Furthermore, a reversal on these grounds would permit defendant to profit by his own misconduct, misconduct bordering on perjury. Whether or not we choose to label defendant's behavior on the witness stand as perjury, his refusal to admit his prior convictions was clearly an attempt to conceal the truth. The United States Supreme Court has frequently addressed, in a different context, the propriety of impeaching less than candid witnesses by means of otherwise inadmissible evidence. In Walder v. United States, 347 U.S. 62, 65, 98 L. Ed. 503, 507, 74 S. Ct. 354 (1954), where the court permitted physical evidence, inadmissible in the case in chief, to be used for impeachment purposes, the court states, " [Tjhere is hardly justification for letting the defendant affirmatively resort to perjurious testimony in reliance on the Government's disability to challenge his credibility." (Footnote omitted.) Similarly in Harris v. New York, 401 U.S. 222, 225, 28 L. Ed. 2d 1, 4, 91 S. Ct. 643 (1971), where the court allowed the admission of testimony for impeachment purposes which would not have been admissible in the case in chief because of Miranda violations (Miranda v. Arizona, 384 U.S. 436, 16 L. Ed. 2d 694, 86 S. Ct. 1602, 10 A.L.R.3d 974 (1966)), the court stated, "Every criminal defendant is privileged to testify in his own defense, or to refuse to do so. But that privilege cannot be construed to include the right to commit perjury."

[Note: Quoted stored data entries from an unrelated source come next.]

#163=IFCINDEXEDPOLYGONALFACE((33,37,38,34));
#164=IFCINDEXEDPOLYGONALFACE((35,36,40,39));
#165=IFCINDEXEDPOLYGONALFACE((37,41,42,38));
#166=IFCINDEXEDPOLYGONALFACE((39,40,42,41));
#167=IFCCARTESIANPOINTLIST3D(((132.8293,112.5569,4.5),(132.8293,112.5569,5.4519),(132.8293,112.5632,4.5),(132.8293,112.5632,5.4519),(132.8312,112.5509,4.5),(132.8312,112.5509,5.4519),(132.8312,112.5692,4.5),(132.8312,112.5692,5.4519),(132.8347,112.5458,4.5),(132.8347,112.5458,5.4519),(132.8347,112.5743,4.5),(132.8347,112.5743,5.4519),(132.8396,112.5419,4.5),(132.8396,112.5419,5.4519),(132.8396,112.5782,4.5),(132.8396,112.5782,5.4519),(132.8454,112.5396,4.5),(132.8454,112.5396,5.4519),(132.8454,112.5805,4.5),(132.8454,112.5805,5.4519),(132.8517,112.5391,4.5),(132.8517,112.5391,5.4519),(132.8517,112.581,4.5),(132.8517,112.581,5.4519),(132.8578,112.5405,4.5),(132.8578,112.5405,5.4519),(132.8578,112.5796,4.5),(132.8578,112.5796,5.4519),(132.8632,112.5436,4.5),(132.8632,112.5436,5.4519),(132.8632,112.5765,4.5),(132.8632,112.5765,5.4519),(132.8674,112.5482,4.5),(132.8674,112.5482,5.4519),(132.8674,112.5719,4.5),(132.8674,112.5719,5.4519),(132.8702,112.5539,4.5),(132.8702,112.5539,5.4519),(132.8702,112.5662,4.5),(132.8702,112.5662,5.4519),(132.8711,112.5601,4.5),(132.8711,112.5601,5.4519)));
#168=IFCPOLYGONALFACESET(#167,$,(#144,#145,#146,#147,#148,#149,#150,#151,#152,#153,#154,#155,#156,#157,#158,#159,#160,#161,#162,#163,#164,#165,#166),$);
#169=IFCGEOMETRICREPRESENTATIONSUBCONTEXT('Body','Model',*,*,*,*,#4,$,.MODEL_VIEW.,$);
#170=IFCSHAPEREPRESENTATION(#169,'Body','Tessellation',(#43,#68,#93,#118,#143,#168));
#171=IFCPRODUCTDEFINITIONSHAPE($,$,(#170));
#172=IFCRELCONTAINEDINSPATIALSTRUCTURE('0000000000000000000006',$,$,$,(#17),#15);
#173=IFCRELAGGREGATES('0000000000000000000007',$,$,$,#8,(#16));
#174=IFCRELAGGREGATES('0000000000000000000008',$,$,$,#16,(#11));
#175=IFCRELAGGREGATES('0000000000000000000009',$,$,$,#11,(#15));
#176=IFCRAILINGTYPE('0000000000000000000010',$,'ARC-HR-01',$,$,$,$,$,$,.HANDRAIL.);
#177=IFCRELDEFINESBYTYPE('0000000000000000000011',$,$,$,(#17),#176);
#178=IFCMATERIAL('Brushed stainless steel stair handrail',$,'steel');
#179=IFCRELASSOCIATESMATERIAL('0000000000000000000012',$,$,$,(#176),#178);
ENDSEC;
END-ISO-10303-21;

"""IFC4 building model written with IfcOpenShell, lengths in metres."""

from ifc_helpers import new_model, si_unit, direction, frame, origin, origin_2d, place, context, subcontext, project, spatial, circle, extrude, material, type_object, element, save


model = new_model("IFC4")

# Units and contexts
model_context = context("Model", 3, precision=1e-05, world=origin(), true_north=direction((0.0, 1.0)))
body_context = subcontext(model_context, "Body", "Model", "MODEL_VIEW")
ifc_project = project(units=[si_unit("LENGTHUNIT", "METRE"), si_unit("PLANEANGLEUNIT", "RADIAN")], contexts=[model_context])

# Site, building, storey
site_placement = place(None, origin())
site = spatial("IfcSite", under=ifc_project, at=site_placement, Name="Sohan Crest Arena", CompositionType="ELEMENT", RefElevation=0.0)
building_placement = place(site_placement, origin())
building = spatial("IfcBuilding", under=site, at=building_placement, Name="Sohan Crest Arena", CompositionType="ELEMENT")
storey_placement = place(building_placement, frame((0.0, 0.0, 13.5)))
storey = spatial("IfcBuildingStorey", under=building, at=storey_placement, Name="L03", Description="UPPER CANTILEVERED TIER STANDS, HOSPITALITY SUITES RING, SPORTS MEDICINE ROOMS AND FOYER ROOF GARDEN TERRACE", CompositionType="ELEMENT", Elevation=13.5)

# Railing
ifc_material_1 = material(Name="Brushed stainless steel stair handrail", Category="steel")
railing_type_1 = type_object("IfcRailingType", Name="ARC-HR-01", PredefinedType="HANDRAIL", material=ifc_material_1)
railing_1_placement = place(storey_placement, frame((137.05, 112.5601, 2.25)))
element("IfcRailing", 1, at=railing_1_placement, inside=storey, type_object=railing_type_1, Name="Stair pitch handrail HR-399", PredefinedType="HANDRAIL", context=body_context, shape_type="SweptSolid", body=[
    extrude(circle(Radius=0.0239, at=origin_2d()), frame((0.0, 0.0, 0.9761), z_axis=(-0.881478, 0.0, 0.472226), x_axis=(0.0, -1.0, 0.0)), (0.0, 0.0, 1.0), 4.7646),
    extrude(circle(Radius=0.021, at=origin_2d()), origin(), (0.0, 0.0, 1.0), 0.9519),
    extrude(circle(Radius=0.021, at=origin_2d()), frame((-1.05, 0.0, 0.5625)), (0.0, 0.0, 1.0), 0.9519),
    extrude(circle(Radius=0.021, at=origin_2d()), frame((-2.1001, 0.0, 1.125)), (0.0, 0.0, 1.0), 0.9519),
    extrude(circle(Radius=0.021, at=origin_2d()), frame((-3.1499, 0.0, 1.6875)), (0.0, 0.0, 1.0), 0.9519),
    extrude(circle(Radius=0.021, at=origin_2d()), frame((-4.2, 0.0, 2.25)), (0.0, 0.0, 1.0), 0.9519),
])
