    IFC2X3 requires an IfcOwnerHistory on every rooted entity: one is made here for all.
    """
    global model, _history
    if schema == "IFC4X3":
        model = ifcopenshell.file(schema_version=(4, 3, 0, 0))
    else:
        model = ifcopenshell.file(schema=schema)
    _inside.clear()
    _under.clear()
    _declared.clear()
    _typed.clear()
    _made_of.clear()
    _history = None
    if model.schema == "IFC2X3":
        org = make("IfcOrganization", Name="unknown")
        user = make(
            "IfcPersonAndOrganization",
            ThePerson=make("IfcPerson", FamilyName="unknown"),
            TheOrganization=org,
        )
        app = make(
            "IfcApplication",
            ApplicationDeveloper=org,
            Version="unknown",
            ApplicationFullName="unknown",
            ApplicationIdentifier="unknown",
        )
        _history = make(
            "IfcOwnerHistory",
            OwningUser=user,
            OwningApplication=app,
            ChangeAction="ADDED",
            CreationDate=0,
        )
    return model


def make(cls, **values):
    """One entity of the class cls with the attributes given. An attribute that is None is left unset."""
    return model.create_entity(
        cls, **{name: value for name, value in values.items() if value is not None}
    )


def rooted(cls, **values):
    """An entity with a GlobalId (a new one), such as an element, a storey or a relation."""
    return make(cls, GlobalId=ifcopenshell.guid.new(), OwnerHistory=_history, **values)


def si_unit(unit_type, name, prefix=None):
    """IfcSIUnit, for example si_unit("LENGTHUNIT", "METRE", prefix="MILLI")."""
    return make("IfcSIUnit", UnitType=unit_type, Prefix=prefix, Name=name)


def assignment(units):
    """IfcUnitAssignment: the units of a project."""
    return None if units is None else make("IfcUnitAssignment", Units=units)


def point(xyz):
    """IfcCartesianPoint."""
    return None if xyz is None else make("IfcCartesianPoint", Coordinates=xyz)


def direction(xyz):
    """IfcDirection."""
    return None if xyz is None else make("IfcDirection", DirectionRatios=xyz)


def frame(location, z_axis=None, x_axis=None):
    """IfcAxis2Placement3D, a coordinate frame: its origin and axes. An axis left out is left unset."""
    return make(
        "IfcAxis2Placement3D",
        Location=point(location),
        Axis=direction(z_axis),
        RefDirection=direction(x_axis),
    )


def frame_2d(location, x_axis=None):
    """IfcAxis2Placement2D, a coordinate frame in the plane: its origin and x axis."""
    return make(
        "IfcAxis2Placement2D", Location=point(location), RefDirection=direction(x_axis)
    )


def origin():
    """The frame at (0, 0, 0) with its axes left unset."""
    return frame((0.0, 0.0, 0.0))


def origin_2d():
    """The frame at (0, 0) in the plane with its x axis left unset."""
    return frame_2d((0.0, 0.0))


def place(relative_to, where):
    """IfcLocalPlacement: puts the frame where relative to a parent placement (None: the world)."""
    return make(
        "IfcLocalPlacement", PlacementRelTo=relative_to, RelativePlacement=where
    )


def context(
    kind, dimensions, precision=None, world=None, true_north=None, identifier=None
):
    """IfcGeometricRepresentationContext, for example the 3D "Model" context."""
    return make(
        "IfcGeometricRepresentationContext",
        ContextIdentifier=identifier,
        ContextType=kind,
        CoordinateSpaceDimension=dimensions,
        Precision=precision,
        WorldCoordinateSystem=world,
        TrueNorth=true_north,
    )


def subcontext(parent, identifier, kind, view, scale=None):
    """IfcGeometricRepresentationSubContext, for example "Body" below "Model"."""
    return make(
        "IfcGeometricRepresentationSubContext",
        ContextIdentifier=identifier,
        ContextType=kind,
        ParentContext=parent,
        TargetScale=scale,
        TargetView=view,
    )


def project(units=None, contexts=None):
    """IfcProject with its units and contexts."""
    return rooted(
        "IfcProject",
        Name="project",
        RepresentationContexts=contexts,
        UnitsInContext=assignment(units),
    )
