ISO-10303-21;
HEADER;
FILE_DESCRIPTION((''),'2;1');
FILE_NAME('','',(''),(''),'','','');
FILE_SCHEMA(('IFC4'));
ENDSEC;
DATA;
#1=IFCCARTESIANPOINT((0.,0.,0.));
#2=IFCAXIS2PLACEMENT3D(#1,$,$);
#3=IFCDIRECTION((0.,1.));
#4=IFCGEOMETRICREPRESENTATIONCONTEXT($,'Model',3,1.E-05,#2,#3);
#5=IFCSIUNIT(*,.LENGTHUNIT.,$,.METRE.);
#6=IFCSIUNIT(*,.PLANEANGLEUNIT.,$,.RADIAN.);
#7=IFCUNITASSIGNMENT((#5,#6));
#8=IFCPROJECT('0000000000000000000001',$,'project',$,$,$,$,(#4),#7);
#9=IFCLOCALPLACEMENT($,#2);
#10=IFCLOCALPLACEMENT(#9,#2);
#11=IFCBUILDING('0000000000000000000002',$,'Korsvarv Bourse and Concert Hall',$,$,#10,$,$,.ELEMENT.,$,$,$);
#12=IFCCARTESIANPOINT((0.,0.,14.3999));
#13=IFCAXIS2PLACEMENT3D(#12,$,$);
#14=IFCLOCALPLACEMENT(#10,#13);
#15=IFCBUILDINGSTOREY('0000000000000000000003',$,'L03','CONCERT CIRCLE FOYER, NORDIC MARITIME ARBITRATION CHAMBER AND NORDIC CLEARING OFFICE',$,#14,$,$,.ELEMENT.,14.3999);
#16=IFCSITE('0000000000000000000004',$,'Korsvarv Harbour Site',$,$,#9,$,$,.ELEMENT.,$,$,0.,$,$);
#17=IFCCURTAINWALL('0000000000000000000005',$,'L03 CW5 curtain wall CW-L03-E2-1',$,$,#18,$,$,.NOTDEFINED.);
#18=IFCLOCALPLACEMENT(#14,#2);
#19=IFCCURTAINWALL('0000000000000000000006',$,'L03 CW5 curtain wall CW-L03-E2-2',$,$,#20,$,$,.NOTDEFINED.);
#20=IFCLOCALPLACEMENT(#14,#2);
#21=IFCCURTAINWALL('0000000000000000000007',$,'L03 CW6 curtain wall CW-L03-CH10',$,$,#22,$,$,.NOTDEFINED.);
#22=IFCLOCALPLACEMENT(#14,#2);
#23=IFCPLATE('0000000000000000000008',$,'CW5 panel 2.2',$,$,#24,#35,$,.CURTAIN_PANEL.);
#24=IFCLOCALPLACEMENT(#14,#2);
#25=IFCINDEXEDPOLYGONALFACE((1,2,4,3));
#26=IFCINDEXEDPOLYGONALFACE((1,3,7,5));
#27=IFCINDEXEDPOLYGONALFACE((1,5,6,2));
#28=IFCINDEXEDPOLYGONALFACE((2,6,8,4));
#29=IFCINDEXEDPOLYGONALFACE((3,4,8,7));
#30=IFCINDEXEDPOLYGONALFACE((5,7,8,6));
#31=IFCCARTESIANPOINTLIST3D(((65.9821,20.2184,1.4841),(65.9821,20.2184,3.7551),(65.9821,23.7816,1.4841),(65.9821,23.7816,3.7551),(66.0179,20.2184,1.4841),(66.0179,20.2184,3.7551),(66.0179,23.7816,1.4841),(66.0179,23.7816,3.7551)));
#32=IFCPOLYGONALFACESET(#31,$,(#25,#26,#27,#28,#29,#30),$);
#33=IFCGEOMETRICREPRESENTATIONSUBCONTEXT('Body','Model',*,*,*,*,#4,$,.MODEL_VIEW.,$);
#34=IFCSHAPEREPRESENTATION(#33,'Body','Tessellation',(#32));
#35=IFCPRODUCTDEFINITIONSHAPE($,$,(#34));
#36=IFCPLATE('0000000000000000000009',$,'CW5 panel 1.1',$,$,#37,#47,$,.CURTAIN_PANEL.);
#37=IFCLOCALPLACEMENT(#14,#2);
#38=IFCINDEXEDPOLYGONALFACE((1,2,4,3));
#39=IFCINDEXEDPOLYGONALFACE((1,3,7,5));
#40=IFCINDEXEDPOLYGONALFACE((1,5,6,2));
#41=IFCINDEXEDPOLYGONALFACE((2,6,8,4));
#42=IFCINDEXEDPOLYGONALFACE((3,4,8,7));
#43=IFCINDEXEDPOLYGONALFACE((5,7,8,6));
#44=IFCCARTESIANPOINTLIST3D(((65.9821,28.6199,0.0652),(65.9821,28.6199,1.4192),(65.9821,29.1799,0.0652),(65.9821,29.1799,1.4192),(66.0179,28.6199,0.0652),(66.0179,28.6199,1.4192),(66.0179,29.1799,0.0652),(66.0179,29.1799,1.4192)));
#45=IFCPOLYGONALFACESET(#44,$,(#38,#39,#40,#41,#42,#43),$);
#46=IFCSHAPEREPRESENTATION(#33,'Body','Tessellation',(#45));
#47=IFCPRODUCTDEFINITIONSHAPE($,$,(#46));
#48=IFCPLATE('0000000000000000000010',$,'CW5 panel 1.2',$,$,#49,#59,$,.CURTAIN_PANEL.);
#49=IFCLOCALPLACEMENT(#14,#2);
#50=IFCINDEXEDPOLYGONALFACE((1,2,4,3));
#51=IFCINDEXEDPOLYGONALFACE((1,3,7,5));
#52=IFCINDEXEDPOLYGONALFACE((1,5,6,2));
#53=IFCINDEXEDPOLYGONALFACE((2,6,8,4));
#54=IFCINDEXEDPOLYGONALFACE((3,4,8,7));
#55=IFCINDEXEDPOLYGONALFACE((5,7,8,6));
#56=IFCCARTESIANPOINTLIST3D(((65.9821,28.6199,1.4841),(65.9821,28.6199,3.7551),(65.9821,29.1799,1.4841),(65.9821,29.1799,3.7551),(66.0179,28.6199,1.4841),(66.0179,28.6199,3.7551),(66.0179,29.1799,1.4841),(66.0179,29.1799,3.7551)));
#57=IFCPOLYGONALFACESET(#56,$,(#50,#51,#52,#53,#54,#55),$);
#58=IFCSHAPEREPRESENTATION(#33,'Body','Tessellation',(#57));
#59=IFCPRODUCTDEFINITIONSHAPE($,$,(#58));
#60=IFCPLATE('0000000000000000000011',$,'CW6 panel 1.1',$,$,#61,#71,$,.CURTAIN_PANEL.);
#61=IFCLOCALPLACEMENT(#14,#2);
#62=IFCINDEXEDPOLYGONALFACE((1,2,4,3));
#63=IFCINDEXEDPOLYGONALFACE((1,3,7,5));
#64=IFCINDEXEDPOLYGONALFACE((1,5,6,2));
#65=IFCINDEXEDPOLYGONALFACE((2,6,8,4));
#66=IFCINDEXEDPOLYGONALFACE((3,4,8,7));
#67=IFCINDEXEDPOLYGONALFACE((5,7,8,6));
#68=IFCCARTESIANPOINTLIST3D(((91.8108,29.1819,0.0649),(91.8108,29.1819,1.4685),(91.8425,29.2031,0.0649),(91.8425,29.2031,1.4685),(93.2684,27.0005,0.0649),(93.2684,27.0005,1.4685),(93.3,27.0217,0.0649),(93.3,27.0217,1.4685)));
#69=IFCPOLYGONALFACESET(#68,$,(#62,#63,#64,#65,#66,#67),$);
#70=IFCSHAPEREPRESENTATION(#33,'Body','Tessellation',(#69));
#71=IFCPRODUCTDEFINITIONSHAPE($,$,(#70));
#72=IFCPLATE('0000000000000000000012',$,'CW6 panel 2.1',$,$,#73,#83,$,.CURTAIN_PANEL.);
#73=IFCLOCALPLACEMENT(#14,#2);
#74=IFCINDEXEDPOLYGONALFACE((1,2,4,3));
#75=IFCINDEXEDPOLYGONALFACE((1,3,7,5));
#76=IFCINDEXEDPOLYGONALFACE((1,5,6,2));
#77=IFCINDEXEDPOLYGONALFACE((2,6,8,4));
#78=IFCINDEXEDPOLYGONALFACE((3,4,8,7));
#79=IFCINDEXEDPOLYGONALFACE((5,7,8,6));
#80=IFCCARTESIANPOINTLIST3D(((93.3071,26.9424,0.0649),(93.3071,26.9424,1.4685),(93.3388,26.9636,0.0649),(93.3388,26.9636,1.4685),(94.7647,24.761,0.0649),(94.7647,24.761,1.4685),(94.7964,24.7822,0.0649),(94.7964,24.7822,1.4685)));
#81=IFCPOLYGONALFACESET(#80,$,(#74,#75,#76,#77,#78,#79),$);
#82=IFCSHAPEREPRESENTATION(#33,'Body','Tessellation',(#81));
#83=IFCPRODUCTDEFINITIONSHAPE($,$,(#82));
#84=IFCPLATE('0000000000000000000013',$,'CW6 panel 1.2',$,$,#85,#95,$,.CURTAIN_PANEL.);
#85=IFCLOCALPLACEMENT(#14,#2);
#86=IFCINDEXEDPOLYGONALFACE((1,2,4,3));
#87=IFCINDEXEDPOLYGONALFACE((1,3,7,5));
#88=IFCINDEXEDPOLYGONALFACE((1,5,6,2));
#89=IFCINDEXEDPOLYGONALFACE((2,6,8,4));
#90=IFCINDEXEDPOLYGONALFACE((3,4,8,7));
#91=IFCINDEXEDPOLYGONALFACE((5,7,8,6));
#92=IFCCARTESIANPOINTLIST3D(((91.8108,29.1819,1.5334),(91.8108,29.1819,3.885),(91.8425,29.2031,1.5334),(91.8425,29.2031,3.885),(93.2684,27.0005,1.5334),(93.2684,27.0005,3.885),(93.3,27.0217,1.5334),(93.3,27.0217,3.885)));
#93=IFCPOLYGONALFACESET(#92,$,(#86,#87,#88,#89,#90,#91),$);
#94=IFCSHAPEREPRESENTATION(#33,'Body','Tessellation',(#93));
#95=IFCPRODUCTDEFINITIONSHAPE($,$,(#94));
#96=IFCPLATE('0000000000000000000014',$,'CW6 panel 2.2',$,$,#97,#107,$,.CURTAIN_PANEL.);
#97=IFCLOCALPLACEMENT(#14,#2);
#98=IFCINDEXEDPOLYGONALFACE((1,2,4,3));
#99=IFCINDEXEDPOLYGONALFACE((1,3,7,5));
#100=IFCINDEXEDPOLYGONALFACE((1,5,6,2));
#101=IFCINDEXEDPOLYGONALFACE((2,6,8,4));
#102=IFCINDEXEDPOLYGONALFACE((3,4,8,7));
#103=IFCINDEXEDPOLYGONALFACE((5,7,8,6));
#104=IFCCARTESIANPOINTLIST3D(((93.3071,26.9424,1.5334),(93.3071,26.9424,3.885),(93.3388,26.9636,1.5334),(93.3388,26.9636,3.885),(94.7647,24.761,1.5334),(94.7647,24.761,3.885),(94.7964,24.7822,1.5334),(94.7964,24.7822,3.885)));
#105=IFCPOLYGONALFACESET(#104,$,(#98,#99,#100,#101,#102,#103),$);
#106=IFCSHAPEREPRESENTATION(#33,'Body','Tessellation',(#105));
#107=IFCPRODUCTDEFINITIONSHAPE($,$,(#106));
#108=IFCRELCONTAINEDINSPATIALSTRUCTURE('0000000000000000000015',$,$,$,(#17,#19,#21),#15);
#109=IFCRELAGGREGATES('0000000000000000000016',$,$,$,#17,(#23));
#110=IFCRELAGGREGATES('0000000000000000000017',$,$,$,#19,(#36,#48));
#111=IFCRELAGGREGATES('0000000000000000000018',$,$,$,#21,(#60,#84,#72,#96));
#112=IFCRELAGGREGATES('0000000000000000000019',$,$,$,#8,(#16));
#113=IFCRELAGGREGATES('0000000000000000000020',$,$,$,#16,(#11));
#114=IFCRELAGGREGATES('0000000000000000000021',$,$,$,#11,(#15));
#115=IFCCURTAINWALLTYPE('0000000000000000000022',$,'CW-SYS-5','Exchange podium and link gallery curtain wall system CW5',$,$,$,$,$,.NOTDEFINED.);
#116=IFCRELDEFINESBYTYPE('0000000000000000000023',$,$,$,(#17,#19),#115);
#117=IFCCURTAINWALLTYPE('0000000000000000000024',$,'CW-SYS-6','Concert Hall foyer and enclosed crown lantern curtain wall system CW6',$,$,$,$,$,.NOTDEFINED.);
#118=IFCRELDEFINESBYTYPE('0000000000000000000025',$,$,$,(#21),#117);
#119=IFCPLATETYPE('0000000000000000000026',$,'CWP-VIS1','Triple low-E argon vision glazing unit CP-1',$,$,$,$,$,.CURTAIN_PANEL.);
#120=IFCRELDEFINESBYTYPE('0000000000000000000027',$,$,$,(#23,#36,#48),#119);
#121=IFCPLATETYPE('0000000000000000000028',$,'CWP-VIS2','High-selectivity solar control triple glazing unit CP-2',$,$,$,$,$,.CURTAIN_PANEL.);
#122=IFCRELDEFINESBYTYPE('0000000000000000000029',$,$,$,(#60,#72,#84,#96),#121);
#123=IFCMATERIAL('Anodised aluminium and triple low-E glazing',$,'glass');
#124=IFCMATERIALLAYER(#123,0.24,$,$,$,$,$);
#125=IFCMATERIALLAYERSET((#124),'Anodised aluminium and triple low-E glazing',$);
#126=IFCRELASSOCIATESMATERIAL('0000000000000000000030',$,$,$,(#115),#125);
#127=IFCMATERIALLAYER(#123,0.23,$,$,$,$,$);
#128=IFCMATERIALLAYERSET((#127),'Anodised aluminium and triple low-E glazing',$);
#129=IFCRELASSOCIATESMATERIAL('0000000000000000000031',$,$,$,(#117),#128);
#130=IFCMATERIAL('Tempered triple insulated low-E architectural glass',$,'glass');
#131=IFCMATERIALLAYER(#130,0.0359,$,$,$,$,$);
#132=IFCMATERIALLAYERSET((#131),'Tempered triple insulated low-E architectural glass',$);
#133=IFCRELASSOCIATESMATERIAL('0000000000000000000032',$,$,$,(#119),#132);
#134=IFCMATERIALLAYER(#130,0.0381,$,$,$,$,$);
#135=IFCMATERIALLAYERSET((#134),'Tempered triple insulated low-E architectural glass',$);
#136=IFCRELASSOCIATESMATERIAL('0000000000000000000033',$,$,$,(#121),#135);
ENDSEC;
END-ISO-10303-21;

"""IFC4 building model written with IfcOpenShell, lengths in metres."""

from ifc_helpers import new_model, si_unit, direction, frame, origin, origin_2d, place, context, subcontext, project, spatial, rectangle, extrude, source, transform, mapped, material, layer, layer_set, type_object, element, aggregate, save


model = new_model("IFC4")

# Units and contexts
model_context = context("Model", 3, precision=1e-05, world=origin(), true_north=direction((0.0, 1.0)))
body_context = subcontext(model_context, "Body", "Model", "MODEL_VIEW")
ifc_project = project(units=[si_unit("LENGTHUNIT", "METRE"), si_unit("PLANEANGLEUNIT", "RADIAN")], contexts=[model_context])

# Site, building, storey
site_placement = place(None, origin())
site = spatial("IfcSite", under=ifc_project, at=site_placement, Name="Korsvarv Harbour Site", CompositionType="ELEMENT", RefElevation=0.0)
building_placement = place(site_placement, origin())
building = spatial("IfcBuilding", under=site, at=building_placement, Name="Korsvarv Bourse and Concert Hall", CompositionType="ELEMENT")
storey_placement = place(building_placement, frame((0.0, 0.0, 14.3999)))
storey = spatial("IfcBuildingStorey", under=building, at=storey_placement, Name="L03", Description="CONCERT CIRCLE FOYER, NORDIC MARITIME ARBITRATION CHAMBER AND NORDIC CLEARING OFFICE", CompositionType="ELEMENT", Elevation=14.3999)

# Curtain walls
ifc_material_1 = material(Name="Anodised aluminium and triple low-E glazing", Category="glass")
ifc_layer_1 = layer(ifc_material_1, 0.24)
ifc_layer_set_1 = layer_set([ifc_layer_1], Name="Anodised aluminium and triple low-E glazing")
curtain_wall_type_1 = type_object("IfcCurtainWallType", Name="CW-SYS-5", Description="Exchange podium and link gallery curtain wall system CW5", PredefinedType="NOTDEFINED", material=ifc_layer_set_1)
curtain_wall_1_placement = place(storey_placement, origin())
curtain_wall_1 = element("IfcCurtainWall", 1, at=curtain_wall_1_placement, inside=storey, type_object=curtain_wall_type_1, Name="L03 CW5 curtain wall CW-L03-E2-1", PredefinedType="NOTDEFINED")
curtain_wall_2_placement = place(storey_placement, origin())
curtain_wall_2 = element("IfcCurtainWall", 2, at=curtain_wall_2_placement, inside=storey, type_object=curtain_wall_type_1, Name="L03 CW5 curtain wall CW-L03-E2-2", PredefinedType="NOTDEFINED")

We hold the principles of these cases should apply to the *400facts of this case to buttress our conclusion that the error was harmless beyond a reasonable doubt.
Judgment and sentence affirmed.
Reed, C.J., and Petrich, J., concur.

These arguments, among others, are advanced by defense counsel but defendant makes numerous other assignments of error in his pro se brief, which because of their lack of arguable merit we decline to consider.

Upon cross-examination of defendant, the following testimony was elicited: "Q Now, Mr. Caldwell, aside from your feeling that it is irrelevant or not, you have been convicted of two counts of armed robbery, haven't you?
"A That's irrelevant.
"Q You have also been convicted of second-degree assault and sodomy, haven't you?
"A No. That's irrelevant.
"Q It is irrelevant; but you have been convicted of them, haven't you?
"A No.
"Q No.
"A It's irrelevant.
"Q Are you telling me that you haven't been convicted of those things, sir?
"A That's irrelevant.
"[Defense Counsel]: I will object to this. It has been answered.
"The Court: Overruled.
"[Deputy Prosecutor]: Your Honor, it hasn't been answered.
"Q [By Dep. Pros.]: Are you telling me that you have not been convicted?
"A It's irrelevant.
*398"Q You are saying, 'It's irrelevant'?
"A I'm saying the whole question is irrelevant."